# German Styrofoam Hives



## Katharina (May 2, 2011)

They actually do have a small channel on the side near the top. I have seen some other videos of those hives and in one the beek closed off the channel temporary for something. Can't remember what for, but I thought that was kind of interesting. So it is there. These hives are so insulated that they have less of a temperature flux from day to night. Causing less moisture issues.


----------



## bsquad (Jan 18, 2011)

Interesting, in this picture there also appears to be a sbb on the hive, so maybe the channel plus the screen is enough.


----------



## JAMeine (Jan 31, 2012)

You can check out Bee Villa, they're Minnestoa retailer that sells styrofoam bee hives, they're up in Circle Pines.


----------



## bsquad (Jan 18, 2011)

Wow, thanks for the tip - never heard of these!


----------



## gmcharlie (May 9, 2009)

bsquad said:


> Wow, thanks for the tip - never heard of these!

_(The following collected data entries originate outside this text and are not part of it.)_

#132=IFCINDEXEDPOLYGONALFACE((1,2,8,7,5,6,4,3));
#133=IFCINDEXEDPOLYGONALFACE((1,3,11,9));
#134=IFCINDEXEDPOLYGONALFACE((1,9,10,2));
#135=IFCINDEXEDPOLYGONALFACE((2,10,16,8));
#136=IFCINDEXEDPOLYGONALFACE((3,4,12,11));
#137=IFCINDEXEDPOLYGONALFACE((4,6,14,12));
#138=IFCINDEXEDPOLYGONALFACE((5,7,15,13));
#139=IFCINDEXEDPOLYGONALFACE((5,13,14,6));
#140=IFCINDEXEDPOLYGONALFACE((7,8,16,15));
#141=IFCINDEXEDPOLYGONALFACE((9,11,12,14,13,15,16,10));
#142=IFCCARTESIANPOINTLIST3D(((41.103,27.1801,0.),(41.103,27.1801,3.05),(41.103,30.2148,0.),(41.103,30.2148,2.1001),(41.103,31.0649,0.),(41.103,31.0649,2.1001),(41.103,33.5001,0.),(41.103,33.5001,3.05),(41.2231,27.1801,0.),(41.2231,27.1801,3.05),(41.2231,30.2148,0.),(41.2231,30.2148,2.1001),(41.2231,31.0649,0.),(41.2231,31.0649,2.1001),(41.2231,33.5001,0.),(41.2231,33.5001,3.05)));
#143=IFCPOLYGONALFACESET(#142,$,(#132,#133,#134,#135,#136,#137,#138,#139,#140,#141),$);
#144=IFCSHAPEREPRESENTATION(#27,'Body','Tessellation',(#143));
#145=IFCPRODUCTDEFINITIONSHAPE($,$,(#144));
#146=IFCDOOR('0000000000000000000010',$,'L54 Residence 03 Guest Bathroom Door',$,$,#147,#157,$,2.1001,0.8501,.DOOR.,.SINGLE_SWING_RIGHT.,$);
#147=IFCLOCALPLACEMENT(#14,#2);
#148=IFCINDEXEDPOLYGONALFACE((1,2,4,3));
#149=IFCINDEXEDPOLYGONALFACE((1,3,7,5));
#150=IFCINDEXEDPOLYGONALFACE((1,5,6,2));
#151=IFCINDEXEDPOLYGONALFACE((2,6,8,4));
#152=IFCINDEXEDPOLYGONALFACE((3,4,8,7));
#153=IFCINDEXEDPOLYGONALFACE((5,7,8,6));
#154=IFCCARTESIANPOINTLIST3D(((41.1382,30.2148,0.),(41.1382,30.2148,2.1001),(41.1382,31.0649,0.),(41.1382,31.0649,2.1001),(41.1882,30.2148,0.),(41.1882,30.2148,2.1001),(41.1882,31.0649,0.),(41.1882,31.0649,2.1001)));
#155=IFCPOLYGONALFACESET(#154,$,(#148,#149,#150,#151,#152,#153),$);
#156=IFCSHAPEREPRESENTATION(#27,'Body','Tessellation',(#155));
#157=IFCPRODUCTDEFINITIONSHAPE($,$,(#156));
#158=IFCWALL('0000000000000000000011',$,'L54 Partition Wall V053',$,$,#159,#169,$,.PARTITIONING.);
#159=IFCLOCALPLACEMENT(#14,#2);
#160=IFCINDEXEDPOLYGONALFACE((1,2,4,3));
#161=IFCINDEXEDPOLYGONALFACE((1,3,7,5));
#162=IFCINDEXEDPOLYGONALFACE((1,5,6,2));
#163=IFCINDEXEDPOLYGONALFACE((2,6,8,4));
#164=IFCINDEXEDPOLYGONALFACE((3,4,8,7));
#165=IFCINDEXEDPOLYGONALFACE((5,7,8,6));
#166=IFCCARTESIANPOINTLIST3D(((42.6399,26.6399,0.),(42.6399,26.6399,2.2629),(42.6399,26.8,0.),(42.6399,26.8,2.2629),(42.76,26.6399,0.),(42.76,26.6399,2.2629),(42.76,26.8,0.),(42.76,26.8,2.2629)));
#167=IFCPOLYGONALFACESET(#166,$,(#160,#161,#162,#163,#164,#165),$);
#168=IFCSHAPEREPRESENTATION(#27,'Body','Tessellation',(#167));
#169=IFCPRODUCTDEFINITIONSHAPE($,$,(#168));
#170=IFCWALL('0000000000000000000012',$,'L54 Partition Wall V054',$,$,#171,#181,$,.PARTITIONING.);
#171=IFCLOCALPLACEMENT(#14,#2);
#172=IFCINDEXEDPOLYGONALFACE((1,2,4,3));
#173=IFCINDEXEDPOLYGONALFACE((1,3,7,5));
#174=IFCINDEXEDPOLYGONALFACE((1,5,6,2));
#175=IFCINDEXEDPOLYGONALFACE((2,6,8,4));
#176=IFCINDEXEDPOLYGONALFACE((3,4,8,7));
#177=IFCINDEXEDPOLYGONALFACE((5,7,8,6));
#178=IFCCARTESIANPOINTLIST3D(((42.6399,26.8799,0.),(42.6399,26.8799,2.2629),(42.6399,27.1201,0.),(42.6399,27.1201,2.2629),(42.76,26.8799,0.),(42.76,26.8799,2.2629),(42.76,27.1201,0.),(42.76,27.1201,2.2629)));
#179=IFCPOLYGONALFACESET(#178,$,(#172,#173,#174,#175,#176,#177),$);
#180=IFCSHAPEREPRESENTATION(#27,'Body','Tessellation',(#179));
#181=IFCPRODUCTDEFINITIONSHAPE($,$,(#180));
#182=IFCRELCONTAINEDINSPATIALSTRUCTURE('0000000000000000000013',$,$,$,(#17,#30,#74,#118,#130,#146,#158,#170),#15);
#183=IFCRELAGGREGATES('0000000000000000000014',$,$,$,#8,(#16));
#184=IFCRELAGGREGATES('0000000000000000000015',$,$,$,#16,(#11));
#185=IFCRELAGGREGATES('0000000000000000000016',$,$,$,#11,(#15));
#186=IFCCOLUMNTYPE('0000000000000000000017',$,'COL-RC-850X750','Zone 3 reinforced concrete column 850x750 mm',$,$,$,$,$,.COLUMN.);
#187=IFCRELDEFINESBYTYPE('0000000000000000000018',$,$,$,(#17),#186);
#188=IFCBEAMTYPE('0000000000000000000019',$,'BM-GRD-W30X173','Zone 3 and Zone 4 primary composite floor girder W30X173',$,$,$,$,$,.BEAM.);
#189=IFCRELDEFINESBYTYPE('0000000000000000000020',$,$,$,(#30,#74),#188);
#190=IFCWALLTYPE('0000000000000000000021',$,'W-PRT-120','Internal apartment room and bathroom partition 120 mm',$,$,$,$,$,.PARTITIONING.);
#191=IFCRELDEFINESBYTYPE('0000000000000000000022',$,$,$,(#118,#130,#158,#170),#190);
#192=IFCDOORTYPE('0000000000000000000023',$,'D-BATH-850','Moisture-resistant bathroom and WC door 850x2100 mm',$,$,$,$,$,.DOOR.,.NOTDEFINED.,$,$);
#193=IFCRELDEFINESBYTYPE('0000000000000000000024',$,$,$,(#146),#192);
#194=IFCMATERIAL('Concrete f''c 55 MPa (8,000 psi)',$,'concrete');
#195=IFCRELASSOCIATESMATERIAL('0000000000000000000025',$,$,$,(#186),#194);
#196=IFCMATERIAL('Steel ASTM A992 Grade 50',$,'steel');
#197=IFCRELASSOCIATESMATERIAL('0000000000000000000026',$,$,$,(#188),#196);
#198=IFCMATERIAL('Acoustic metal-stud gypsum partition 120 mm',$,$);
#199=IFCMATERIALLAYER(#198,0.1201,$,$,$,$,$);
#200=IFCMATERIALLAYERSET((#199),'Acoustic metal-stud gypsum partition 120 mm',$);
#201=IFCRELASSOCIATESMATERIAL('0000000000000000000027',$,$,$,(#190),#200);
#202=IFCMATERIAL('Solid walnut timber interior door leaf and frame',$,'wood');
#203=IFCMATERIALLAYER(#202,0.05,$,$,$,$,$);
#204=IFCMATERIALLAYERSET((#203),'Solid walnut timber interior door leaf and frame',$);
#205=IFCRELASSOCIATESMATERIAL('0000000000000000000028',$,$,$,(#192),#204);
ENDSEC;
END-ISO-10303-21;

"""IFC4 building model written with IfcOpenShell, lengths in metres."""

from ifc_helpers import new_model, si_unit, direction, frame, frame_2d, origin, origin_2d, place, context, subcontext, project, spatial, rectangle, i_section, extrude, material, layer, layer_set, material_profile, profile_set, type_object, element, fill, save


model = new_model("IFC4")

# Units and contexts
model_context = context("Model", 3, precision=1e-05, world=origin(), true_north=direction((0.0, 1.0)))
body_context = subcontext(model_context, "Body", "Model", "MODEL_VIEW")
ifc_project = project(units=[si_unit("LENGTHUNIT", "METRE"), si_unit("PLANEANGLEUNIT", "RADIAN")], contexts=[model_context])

Ever hear of BeeMax?? very similar. I run a dozen or so. after 3 years I am not real fond of them. Hive tools damage them, the break, and nothing really fits them well. Special covers, excluders and such. and so far I have not seen any upsides. They are lighter, but make me nervous moving them, I am afraid they will break, And yes I have broken them.


----------



## bsquad (Jan 18, 2011)

gmcharlie said:


> Ever hear of BeeMax??


I have now!  Yes, durability sounds like an issue.


----------



## Katharina (May 2, 2011)

Many of the European foam ones have a hard outer shell plastic. They are less likely to break with tools and are more UV resistant.


----------



## Rolande (Aug 23, 2010)

bsquad said:


> Yes, durability sounds like an issue.


In Europe there are various beefarmers who are running polystyrene hives by the thousand without any apparent problems re durability; might be interesting to know what the spec is on the beemax boxes, I believe that the main European brands (ie. Swienty and Paradise Honey) are made from EPS at around 100g/litre.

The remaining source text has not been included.